まず造形速度を少し落とします。次に、X軸・Y軸のベルトがゆるんでいないか確認しましょう。ベッドやノズル周りに引っかかるものがないかもチェックします。背の高いモデルでは、移動時にノズルがぶつからない設定も有効です。

4. 積層が荒い・表面がガタガタ

表面がザラザラしたり、層の線が目立ちすぎたりする状態です。

主な原因

ノズル温度、造形速度、フィラメントの品質、プリンター本体の振動などが関係します。温度が合っていないとフィラメントが安定して出ませんし、速度が速すぎると表面が荒れやすくなります。

対処法

まず速度を落としてみましょう。初心者は速く印刷したくなりますが、きれいに出したいなら少し遅めが正解です。ノズル温度も5度ずつ調整します。フィラメントが湿気を吸っている場合も表面が荒れるので、開封済みの材料は乾燥剤と一緒に保管しましょう。

5. フィラメントが出ない・途中で詰まる

印刷中に材料が出なくなったり、スカスカの造形になったりする症状です。

主な原因

ノズル詰まり、フィラメントの削れ、温度不足、送り出しギアの不調などが考えられます。特に古いフィラメントや湿気を吸ったフィラメントはトラブルの原因になりやすいです。

対処法

ノズル温度を少し上げて、手動でフィラメントを押し出してみます。それでも出ない場合はノズル掃除が必要です。フィラメントが途中で削れている場合は、一度抜いて先端を切り直します。送り出しギアにカスが溜まっていないかも見ておきましょう。

6. 底面が汚い・つぶれる

最初の層が薄くつぶれすぎたり、逆にベッドにくっつかなかったりする状態です。実は、3Dプリントで一番大事なのはこの「1層目」です。

主な原因

ノズルとベッドの距離が合っていないことが多いです。
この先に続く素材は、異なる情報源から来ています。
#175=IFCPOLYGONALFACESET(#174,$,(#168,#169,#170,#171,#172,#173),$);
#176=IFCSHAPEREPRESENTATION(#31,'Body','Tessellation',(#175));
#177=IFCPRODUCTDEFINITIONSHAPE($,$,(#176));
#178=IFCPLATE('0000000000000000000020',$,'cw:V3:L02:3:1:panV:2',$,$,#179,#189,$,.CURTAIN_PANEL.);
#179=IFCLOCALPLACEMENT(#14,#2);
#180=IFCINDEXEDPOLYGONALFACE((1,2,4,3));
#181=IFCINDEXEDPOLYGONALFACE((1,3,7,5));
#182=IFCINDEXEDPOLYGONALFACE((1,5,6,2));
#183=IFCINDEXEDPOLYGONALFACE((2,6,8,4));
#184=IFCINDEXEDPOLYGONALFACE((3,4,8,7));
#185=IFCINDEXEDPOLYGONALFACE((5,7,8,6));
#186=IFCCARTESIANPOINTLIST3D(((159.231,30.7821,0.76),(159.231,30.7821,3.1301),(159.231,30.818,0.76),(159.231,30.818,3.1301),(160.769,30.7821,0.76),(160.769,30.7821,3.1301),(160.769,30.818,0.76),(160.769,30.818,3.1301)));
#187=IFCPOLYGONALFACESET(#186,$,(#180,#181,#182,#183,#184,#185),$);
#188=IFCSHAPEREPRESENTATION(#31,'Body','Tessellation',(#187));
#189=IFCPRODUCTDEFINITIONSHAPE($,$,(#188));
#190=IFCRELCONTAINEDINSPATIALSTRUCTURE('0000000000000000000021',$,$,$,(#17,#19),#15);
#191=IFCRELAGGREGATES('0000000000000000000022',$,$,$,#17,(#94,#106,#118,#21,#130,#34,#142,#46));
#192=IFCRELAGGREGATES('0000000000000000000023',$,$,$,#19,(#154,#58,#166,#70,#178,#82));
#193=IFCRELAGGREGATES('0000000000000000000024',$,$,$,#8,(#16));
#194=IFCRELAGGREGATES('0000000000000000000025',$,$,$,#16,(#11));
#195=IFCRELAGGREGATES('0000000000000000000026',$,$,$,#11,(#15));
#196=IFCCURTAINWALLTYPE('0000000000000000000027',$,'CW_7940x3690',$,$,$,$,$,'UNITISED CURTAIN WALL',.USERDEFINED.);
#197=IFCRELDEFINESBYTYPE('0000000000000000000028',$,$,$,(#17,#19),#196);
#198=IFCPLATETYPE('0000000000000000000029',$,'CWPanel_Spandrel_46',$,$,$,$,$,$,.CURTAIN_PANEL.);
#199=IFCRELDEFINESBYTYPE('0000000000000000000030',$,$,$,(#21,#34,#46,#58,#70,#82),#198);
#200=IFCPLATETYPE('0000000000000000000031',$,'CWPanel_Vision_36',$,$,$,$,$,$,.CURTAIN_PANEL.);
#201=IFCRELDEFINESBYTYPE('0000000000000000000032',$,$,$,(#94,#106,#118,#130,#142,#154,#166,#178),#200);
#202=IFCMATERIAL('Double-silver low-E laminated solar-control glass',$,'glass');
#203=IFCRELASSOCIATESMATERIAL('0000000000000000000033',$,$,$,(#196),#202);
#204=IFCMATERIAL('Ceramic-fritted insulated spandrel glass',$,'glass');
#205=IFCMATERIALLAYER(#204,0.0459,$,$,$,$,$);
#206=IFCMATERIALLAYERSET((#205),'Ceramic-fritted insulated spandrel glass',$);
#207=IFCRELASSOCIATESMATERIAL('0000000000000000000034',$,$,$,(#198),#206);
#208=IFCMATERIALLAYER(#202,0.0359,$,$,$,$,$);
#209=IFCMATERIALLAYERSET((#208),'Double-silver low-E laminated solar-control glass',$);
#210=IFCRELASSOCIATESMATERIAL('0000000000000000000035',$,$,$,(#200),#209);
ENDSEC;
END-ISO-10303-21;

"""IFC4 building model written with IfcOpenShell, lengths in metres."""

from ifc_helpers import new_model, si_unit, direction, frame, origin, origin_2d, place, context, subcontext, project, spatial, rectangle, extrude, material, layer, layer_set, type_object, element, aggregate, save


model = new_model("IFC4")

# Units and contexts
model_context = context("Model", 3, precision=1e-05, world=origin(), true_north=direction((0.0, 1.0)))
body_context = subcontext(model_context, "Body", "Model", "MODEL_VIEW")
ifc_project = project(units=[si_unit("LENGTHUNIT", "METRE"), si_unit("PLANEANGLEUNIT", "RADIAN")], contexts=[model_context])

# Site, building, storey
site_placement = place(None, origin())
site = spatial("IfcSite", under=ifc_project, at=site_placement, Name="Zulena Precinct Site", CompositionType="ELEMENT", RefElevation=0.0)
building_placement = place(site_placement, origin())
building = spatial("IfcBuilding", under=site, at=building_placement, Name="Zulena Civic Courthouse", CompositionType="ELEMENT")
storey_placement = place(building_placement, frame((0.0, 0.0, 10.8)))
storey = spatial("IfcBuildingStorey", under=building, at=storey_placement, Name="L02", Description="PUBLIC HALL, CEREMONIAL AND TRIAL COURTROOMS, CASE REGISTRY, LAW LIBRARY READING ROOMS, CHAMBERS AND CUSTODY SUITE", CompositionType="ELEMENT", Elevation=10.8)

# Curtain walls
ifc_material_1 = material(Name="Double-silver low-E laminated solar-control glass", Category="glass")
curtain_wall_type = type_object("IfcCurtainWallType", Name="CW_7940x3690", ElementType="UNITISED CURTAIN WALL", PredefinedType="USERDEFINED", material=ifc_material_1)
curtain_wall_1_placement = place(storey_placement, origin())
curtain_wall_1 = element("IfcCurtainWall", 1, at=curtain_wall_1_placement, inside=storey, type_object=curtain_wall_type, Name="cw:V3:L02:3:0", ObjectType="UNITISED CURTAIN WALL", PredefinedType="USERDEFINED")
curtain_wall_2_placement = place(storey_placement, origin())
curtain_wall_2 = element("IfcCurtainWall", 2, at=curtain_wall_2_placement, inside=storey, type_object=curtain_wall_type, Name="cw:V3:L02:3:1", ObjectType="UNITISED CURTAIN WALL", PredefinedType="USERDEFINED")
近すぎるとフィラメントがつぶれ、遠すぎると定着しません。

対処法

ベッドレベリングをやり直しましょう。紙1枚が軽く引っかかるくらいの距離が目安です。オートレベリング機能がある機種でも、最初の高さ調整は重要です。1層目の速度を遅くすると、さらに安定します。

7. 造形物がスカスカになる

外側は形になっているのに、中身や壁が弱く、触ると壊れそうな状態です。

主な原因

フィラメントの押し出し量が足りていない可能性があります。温度不足、ノズル詰まり、送り出しギアの滑り、スライサー設定の壁厚不足などが原因です。

対処法

ノズル温度を少し上げ、押し出しが安定しているか確認します。壁の厚みやインフィル密度も見直しましょう。強度が必要なパーツなら、壁を2〜3層以上、インフィルを20〜40%程度にすると安心です。

まず試すべき基本チェック

トラブルが起きたら、いきなり難しい設定を触るより、次の順番で確認するのがおすすめです。

  1. ベッドがきれいか
  2. ノズルとベッドの距離は合っているか
  3. 温度はフィラメントに合っているか
  4. 速度が速すぎないか
  5. フィラメントが湿気っていないか
  6. ノズルが詰まっていないか

この6つだけでも、初心者が出会う不具合のかなり多くは解決できます。

まとめ

3Dプリンターの不具合は、最初は難しく見えます。
でも実際は、「材料がちゃんと出ているか」「ちゃんとくっついているか」「冷え方が安定しているか」を見れば、原因はだいたい絞れます。

失敗した造形物は、ただのゴミではありません。
次にきれいに出すためのヒントです。

まずは温度を5度ずつ変える。速度を少し落とす。ベッドをきれいにする。
この小さな調整だけで、造形の仕上がりはかなり変わります。